Don't let fear of the unknown keep you from reaching your destiny. Don't let it keep you from reaching your happiness. Don't let fear keep you from achieving your goals. I've been uncomfortably comfortable for a very long time. So much so, that I wasn't even sure if I ever met my breaking point that I would realize it was my breaking point.
I have met my breaking point, and I need a fucking break.
The worse part is? I'm so very close to the end. I think that's what's messing with my brain the most. I'm so close to the end and everything is threatening to tear it apart, but I know there is nothing but success after this horrid journey I've been on. What's my biggest problem? FEAR. I'm fearful of the unknown. With being so close to the end there is no room for error. One bad decision and I'm right back where I started.
I don't want to go back to that dark place...
For years I've shared my personal space with those who shouldn't be around me at all. I truly believe you are the company that you keep, and their ill will can spoil your life. I have been trying to escape for years, and finally in the end when I get the perfect opportunity to escape, someone's jealousy threatens it all. So, in order to make it to the next step? I will leave my current hell and go into another hell.
I need peace before I lose my mind, and I feel myself slipping further everyday...

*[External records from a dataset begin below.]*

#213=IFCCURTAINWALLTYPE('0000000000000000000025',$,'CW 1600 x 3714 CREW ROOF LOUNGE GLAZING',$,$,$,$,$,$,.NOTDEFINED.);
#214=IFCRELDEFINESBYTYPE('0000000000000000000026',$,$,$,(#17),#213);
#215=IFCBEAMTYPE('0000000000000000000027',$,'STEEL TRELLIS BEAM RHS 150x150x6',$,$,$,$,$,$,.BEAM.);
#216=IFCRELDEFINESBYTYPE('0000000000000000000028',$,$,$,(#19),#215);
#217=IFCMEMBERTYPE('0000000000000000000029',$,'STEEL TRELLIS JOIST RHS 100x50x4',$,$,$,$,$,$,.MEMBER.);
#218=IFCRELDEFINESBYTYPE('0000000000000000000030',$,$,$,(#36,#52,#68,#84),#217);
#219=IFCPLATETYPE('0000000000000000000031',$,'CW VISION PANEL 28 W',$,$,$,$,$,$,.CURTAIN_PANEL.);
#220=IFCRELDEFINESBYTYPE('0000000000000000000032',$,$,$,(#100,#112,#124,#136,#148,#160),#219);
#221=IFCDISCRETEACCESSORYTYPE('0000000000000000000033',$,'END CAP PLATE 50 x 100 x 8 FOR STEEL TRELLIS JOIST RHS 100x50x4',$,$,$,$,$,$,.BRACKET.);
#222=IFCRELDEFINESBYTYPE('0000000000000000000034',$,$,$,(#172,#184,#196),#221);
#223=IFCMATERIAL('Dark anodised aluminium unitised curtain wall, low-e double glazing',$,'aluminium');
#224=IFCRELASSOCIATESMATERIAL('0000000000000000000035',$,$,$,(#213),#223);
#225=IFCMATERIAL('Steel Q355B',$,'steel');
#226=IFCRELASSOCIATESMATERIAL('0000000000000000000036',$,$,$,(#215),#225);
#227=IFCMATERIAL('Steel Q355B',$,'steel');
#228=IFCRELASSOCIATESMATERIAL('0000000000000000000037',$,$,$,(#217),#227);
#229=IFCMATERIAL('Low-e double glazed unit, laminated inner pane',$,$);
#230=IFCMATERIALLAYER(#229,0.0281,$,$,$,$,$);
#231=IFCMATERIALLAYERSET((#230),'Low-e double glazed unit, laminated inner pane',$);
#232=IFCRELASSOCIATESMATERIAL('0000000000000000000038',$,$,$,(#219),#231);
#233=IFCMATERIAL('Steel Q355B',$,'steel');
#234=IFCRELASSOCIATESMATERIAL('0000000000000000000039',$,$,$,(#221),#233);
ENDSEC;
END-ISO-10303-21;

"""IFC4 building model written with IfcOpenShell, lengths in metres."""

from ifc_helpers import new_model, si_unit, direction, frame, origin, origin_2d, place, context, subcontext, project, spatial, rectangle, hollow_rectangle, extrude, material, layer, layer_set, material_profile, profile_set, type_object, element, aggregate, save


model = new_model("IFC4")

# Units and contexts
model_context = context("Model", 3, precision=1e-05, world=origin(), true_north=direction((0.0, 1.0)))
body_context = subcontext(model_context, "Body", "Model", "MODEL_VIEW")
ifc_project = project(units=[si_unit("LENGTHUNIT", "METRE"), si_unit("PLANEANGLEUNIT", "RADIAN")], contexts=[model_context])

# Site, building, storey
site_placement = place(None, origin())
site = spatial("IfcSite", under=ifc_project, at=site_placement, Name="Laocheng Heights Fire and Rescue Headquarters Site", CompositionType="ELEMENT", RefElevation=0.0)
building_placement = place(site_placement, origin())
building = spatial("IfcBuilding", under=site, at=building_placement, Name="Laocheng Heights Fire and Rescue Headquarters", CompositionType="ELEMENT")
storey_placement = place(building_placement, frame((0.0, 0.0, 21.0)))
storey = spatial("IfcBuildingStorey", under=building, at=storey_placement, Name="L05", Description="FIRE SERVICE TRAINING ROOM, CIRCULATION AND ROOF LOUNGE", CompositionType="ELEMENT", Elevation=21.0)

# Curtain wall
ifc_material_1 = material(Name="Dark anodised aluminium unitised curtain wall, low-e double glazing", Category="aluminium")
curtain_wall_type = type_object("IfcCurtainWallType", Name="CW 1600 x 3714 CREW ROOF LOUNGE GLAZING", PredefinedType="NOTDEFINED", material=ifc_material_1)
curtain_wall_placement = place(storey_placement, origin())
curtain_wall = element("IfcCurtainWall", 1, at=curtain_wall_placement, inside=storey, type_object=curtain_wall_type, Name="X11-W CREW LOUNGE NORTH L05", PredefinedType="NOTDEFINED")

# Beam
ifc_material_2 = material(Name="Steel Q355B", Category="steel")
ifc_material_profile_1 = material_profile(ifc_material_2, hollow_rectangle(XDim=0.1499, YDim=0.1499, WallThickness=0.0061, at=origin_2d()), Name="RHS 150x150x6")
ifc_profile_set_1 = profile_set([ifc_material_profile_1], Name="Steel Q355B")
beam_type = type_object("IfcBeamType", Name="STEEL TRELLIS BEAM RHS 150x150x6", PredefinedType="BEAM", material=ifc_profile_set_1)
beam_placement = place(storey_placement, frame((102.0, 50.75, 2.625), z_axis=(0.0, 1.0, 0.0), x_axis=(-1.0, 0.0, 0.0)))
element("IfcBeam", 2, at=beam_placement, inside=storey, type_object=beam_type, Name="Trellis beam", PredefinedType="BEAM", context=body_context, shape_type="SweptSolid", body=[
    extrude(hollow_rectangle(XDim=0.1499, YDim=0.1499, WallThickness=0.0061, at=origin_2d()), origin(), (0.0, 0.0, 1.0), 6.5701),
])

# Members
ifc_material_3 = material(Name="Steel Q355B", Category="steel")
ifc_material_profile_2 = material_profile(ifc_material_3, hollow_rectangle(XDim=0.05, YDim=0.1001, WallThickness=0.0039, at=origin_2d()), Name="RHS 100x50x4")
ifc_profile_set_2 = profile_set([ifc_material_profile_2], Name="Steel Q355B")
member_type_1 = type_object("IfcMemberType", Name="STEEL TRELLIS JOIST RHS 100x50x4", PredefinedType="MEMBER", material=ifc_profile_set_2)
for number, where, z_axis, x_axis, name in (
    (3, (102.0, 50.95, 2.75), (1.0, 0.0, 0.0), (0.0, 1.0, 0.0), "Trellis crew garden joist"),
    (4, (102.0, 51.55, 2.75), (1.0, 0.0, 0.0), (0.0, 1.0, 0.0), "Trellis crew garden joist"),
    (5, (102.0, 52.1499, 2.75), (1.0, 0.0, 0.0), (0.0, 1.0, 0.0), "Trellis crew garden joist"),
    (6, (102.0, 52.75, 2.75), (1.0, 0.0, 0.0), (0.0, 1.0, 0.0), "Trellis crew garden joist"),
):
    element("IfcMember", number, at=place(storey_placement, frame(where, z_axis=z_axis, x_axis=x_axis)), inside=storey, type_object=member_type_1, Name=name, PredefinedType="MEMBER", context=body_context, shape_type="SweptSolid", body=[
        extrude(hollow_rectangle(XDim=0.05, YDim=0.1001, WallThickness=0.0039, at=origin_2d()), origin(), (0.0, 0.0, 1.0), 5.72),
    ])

I have 9 more weeks until my true freedom. I am going to have to leave my partner for those 9 weeks, because even his spirit at this point in time is no good for me. I need to be alone. With my own thoughts. My mind is in constant turmoil every single day. I've suffered for many years, and now these last 9 weeks are going to be the weeks that are going to break me. I have suffered, will continue to suffer. One day I will be strong enough to share my testimony.